Re: Linux 2.2.14 Sparc-32 SS-10 SMP spin_lock hang...

From: Anton Blanchard (anton@progsoc.uts.edu.au)
Date: Sat Jan 08 2000 - 22:28:06 EST


 
> The meantime between crashes with 2.2.13 on the SS-10 configured as above
> running Apache 1.3.3p3 was about four hours, with 2.2.14 it's about a day and a
> half. Here is the crash data for the 2.2.14 crash, on the console we get:
>
> spin_lock_irqsave(f808e66c) CPU #2 stuck at f00372c, owner PC(f003672c):CPU(2)
> spin_lock(f014b9ac) CPU #0 stuck at f003bde0, owner PC(f0036538):CPU(2)
> spin_lock(f014b9ac) CPU #1 stuck at f003bde0, owner PC(f0036538):CPU(2)
> spin_lock(f014b9ac) CPU #3 stuck at f003bde0, owner PC(f0036538):CPU(2)

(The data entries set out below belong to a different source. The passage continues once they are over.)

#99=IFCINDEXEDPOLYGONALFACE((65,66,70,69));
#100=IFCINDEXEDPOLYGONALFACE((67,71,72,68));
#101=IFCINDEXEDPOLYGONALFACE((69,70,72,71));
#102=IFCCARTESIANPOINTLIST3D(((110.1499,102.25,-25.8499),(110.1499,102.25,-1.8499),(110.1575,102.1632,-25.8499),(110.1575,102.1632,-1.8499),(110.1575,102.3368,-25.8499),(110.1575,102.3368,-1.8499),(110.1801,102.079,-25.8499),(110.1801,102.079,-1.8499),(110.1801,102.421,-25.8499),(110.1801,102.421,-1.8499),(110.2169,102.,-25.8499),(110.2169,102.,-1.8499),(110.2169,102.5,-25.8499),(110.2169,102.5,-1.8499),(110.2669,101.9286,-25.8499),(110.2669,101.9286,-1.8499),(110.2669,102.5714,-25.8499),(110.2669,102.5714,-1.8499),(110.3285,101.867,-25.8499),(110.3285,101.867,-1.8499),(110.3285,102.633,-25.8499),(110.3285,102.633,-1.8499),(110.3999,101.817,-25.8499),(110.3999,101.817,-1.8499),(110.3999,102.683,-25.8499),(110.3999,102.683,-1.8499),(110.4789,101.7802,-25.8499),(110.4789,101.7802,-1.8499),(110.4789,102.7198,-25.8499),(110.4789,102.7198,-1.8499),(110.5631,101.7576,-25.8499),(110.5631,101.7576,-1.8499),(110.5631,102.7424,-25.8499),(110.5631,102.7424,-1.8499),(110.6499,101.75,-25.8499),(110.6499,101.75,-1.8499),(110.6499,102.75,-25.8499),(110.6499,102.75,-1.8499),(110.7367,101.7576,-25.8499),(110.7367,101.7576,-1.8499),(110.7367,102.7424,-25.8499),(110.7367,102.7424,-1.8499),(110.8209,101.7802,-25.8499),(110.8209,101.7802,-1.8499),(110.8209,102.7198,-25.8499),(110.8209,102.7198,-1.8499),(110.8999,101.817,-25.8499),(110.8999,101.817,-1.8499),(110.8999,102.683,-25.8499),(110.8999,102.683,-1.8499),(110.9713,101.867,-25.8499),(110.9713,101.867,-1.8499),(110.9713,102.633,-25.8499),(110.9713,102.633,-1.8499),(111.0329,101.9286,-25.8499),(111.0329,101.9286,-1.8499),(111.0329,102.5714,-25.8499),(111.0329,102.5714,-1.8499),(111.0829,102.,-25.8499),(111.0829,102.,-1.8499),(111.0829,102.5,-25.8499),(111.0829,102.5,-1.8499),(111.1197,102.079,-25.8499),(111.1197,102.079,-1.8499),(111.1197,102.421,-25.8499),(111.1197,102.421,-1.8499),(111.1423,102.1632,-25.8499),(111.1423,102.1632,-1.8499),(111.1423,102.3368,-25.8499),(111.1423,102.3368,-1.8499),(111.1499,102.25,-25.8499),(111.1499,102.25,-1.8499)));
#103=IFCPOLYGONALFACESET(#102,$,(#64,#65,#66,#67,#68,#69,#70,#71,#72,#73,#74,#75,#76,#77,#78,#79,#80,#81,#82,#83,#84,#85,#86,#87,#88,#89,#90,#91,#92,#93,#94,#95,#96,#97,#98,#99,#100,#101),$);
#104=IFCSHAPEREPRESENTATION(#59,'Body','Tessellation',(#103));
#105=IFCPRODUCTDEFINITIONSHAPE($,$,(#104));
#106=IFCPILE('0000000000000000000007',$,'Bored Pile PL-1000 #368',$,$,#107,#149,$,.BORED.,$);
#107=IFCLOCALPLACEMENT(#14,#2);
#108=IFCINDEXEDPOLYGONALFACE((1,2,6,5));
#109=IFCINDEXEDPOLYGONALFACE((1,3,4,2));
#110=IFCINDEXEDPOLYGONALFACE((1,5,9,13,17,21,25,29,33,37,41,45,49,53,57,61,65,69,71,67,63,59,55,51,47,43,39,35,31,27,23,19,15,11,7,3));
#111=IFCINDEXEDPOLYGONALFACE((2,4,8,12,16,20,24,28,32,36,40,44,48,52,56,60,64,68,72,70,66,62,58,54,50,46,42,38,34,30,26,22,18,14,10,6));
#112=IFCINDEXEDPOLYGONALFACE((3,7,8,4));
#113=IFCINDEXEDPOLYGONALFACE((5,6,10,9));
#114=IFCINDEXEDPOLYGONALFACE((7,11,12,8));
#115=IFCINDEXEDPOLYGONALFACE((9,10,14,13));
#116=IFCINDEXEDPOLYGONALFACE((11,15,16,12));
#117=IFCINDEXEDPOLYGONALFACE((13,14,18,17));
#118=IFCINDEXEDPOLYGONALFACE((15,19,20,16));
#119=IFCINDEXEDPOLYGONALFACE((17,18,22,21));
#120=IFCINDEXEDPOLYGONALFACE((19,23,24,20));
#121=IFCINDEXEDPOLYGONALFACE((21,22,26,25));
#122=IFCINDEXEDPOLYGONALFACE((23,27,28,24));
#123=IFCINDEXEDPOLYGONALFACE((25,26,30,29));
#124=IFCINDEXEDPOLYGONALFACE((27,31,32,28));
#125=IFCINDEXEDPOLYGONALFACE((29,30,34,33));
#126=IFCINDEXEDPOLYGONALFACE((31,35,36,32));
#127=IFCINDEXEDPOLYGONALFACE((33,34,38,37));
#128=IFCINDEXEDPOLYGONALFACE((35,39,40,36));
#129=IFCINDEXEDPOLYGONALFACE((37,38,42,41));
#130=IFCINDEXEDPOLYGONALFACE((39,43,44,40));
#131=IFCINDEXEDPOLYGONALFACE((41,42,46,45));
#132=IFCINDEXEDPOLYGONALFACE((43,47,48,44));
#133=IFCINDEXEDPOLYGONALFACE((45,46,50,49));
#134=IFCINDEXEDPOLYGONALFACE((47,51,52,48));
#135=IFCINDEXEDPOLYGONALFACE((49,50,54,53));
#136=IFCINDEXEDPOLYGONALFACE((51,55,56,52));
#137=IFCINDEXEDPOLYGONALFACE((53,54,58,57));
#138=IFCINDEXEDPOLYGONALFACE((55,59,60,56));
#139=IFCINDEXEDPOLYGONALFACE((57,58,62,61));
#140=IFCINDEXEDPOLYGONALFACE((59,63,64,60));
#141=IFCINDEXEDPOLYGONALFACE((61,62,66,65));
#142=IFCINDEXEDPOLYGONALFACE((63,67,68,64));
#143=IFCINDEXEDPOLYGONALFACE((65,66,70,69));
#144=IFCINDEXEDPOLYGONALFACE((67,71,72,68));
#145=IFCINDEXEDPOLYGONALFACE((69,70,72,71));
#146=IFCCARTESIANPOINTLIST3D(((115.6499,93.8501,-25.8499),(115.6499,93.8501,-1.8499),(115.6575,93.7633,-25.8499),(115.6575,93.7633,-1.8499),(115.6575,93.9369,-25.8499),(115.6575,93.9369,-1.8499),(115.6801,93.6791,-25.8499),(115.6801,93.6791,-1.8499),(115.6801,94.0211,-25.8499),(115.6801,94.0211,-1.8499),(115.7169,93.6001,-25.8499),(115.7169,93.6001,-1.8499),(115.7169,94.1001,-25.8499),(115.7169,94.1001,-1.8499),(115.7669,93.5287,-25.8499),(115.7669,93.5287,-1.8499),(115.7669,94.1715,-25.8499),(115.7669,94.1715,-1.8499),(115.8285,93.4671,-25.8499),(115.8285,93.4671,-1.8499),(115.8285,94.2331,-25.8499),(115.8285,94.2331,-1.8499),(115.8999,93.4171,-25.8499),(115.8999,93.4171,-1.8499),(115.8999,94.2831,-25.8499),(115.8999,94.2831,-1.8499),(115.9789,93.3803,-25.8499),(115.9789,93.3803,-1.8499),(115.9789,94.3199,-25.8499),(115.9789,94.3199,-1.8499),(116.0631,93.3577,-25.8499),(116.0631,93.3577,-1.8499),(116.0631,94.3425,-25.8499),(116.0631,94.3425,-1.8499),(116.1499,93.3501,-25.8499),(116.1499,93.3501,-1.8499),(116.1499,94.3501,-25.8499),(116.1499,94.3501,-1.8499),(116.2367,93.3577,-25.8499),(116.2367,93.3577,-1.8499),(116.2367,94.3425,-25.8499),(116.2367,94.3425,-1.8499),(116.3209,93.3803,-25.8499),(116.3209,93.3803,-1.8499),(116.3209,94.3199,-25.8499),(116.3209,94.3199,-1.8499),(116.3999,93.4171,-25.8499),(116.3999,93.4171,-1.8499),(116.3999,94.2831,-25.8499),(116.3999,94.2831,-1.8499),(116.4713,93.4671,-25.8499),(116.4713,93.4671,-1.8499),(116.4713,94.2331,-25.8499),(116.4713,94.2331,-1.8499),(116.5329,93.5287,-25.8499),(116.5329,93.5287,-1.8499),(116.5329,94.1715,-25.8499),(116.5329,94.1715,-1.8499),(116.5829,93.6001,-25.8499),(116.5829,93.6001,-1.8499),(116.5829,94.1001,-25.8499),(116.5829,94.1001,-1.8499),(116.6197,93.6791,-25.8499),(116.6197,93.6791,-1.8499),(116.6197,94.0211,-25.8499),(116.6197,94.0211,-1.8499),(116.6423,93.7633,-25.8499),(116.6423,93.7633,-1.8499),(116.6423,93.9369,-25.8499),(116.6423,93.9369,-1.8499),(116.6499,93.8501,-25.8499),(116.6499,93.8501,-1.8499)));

CPU #0, #1 and #3 are stuck because CPU #2 grabbed the kernel_flag in
do_exit so we can ignore them.

The interesting line is:

spin_lock_irqsave(f808e66c) CPU #2 stuck at f00372c, owner PC(f003672c):CPU(2)

(I assume f00372c should be f003672c and is just written down incorrectly).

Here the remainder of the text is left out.